Court of Appeal Was Unable To Find Precedent On Whether CCP 1284.3, Pertaining To Consumer Arbitrations, Applies To Employer-Employee Arbitrations, And Reaches Its Own Conclusion
On March 12, 2014, I posted about an earlier Court of Appeal decision involving the same parties and the same arbitration agreement as here, in which the Court held that, with the exception of a claim for unpaid wages, other claims in the case could be arbitrated. Unfortunately, the decision in that case apparently came down too late to offer guidance to the trial judge in this case, who denied plaintiff’s motion to compel the former employee to arbitrate, only to be reversed on appeal. Francis Capital Management LLC v. Martin Keith Lane, Jr., B253559 (2/1 Sept. 9, 2014) (Manella, Epstein, Willhite) (unpublished).
The most interesting issue presented by the case is the application of Cal. Code of Civ. Proc., section 1284.3. (I posted about 1284.3 earlier on May 1, 2014). Subpart (a) of this provision states:
“No neutral arbitrator or private arbitration company shall administer a consumer arbitration under any agreement or rule requiring that a consumer who is a party to the arbitration pay the fees and costs incurred by an opposing party, if the consumer does not prevail in the arbitration, including, but not limited to, the fees and costs of the arbitrator, provider, organization, attorney, or witnesses.”

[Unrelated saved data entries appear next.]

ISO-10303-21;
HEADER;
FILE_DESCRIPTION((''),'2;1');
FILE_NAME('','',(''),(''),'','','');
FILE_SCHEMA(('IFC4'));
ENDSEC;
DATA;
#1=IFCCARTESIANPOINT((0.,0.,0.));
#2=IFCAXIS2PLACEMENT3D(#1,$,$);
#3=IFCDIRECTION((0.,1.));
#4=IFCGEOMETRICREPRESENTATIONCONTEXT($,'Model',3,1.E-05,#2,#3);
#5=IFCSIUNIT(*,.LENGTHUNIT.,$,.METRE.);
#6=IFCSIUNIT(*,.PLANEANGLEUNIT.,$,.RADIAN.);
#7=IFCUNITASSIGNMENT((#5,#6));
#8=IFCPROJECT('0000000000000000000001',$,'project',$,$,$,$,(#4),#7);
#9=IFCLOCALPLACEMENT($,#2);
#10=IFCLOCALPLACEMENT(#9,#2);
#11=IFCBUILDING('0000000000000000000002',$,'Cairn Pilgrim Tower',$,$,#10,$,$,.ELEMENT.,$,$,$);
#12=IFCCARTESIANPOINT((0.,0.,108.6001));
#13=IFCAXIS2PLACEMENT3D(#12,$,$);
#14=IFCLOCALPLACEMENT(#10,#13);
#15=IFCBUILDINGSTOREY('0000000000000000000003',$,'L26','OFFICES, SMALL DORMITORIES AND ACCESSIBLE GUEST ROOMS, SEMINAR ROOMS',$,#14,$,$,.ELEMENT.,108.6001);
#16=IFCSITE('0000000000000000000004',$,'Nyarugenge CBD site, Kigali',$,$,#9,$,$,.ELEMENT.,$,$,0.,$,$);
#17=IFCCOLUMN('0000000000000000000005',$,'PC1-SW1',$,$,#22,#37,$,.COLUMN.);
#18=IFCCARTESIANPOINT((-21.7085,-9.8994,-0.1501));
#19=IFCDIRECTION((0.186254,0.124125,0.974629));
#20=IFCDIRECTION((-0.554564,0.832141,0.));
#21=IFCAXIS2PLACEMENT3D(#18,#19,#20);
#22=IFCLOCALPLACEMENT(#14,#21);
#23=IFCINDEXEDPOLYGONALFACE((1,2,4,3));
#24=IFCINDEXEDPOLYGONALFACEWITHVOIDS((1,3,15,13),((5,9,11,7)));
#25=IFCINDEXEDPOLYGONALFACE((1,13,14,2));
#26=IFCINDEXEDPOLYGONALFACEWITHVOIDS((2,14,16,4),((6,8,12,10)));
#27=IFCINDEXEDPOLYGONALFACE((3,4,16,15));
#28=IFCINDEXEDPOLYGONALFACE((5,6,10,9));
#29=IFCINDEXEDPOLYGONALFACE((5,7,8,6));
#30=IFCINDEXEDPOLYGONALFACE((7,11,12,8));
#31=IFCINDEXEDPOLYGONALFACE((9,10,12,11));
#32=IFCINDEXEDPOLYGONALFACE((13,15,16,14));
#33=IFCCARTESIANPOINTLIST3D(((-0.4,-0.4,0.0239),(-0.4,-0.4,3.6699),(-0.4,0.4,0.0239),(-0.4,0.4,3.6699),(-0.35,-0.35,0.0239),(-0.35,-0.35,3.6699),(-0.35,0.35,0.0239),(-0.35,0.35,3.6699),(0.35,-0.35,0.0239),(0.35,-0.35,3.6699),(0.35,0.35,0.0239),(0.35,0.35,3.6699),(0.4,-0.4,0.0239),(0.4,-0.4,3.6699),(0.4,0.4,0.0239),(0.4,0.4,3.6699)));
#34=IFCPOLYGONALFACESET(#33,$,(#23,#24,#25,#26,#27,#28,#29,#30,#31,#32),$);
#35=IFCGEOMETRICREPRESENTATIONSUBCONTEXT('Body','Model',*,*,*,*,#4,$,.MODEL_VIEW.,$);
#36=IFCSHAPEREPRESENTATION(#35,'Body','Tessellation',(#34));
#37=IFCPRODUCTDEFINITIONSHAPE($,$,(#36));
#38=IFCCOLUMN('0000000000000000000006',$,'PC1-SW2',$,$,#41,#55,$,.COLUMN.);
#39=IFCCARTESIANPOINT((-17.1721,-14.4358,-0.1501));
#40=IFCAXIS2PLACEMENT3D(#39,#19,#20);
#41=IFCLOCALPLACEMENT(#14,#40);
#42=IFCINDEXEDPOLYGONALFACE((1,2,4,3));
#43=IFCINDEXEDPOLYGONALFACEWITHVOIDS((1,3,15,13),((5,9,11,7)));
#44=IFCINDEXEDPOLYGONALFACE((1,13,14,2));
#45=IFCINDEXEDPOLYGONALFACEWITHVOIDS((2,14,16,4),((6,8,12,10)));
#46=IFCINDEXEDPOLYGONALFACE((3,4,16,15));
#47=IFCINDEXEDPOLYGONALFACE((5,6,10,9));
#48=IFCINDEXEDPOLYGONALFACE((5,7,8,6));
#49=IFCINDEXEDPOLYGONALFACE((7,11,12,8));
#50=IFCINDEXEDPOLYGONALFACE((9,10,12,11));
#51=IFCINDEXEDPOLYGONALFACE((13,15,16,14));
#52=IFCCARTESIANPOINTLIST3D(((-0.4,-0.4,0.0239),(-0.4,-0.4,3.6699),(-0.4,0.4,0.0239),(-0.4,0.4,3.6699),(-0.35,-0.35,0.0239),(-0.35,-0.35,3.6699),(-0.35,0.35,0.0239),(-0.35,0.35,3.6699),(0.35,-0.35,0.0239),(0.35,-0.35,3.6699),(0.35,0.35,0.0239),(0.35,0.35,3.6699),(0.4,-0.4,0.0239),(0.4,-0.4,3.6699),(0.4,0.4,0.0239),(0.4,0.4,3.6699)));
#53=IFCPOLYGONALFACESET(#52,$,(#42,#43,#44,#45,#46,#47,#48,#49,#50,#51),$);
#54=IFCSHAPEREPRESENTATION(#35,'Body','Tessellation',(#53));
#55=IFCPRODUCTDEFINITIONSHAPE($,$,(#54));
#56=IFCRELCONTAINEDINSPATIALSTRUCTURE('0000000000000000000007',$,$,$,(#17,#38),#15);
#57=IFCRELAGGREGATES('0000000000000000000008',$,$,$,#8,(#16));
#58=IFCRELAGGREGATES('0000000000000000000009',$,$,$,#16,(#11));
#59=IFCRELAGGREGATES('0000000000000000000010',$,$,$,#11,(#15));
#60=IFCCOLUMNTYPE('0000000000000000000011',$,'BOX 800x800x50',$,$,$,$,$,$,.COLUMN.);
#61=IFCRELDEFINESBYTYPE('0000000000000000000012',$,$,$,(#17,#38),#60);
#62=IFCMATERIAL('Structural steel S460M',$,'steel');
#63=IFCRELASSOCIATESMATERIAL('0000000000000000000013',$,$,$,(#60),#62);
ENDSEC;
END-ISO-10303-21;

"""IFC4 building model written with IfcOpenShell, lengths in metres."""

from ifc_helpers import new_model, si_unit, direction, frame, origin, origin_2d, place, context, subcontext, project, spatial, hollow_rectangle, extrude, clip, halfspace, material, material_profile, profile_set, type_object, element, save


model = new_model("IFC4")

# Units and contexts
model_context = context("Model", 3, precision=1e-05, world=origin(), true_north=direction((0.0, 1.0)))
body_context = subcontext(model_context, "Body", "Model", "MODEL_VIEW")
ifc_project = project(units=[si_unit("LENGTHUNIT", "METRE"), si_unit("PLANEANGLEUNIT", "RADIAN")], contexts=[model_context])

# Site, building, storey
site_placement = place(None, origin())
site = spatial("IfcSite", under=ifc_project, at=site_placement, Name="Nyarugenge CBD site, Kigali", CompositionType="ELEMENT", RefElevation=0.0)
building_placement = place(site_placement, origin())
building = spatial("IfcBuilding", under=site, at=building_placement, Name="Cairn Pilgrim Tower", CompositionType="ELEMENT")
storey_placement = place(building_placement, frame((0.0, 0.0, 108.6001)))
storey = spatial("IfcBuildingStorey", under=building, at=storey_placement, Name="L26", Description="OFFICES, SMALL DORMITORIES AND ACCESSIBLE GUEST ROOMS, SEMINAR ROOMS", CompositionType="ELEMENT", Elevation=108.6001)

# Columns
ifc_material_1 = material(Name="Structural steel S460M", Category="steel")
ifc_material_profile_1 = material_profile(ifc_material_1, hollow_rectangle(XDim=0.8, YDim=0.8, WallThickness=0.05, at=origin_2d()), Name="BOX 800x800x50")
ifc_profile_set_1 = profile_set([ifc_material_profile_1], Name="Structural steel S460M")
column_type = type_object("IfcColumnType", Name="BOX 800x800x50", PredefinedType="COLUMN", material=ifc_profile_set_1)
for number, where, z_axis, x_axis, name in (
    (1, (-21.7085, -9.8994, -0.1501), (0.186254, 0.124125, 0.974629), (-0.554564, 0.832141, 0.0), "PC1-SW1"),
    (2, (-17.1721, -14.4358, -0.1501), (0.186254, 0.124125, 0.974629), (-0.554564, 0.832141, 0.0), "PC1-SW2"),
):
    element("IfcColumn", number, at=place(storey_placement, frame(where, z_axis=z_axis, x_axis=x_axis)), inside=storey, type_object=column_type, Name=name, PredefinedType="COLUMN", context=body_context, shape_type="Clipping", body=[
        clip(clip(extrude(hollow_rectangle(XDim=0.8, YDim=0.8, WallThickness=0.05, at=origin_2d()), origin(), (0.0, 0.0, 1.0), 3.6938), halfspace(frame((0.0, 0.0, 0.0239), z_axis=(0.0, 0.0, 1.0), x_axis=(1.0, 0.0, 0.0)), True)), halfspace(frame((0.0, 0.0, 3.6699), z_axis=(0.0, 0.0, 1.0), x_axis=(1.0, 0.0, 0.0)), False)),
    ])

save(model, "model.ifc")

The parties had designated the AAA as the arbitration organization. The issue presented by section 1284.3 was whether a prevailing party fee shifting provision in the arbitration agreement prohibited the AAA from arbitrating the dispute. The trial court concluded that the answer was “yes”, but the Court of Appeal concluded here, on the facts, that the answer was “no.”
A threshold question is whether employee-employer arbitrations even qualify as “consumer arbitrations.” Finding an absence of case law, and looking to guidance in California Rules of Court, Ethics Standard for Neutral Arbitrators, promulgated pursuant to section 1281.85, the Court of Appeal answered the threshold question in the affirmative.
Several factors here saved the fee shifting provision from the clutches of section 1284.3.
First, the fee shifting was not “mandatory,” but rather “discretionary.” The clause provided that the arbitrator “may” award reasonable fees.
Second, the arbitrator was given authority to award costs and fees “authorized by law.” That meant that if 1284.3 didn’t allow for fee shifting, then the arbitrator lacked the authority to shift fees. DRAFTING TIP: the phrase “authorized by law” can be useful to save a questionable provision.
Third, there was a severability provision.
Fourth, plaintiff had agreed to waive fees.
In short, the Court of Appeal concluded “no legal bar prohibits the AAA from accepting the arbitration.” The Court remanded the matter to the trial court “to enter an order granting FCM’s motion to compel Lane to submit to arbitration of FCM’s claims.”
If published, this case would provide useful guidance about section 1284.3 to parties drafting fee clauses in consumer arbitration agreements, and to arbitrators having to confront the impact of such clauses on their ability to accept the arbitration.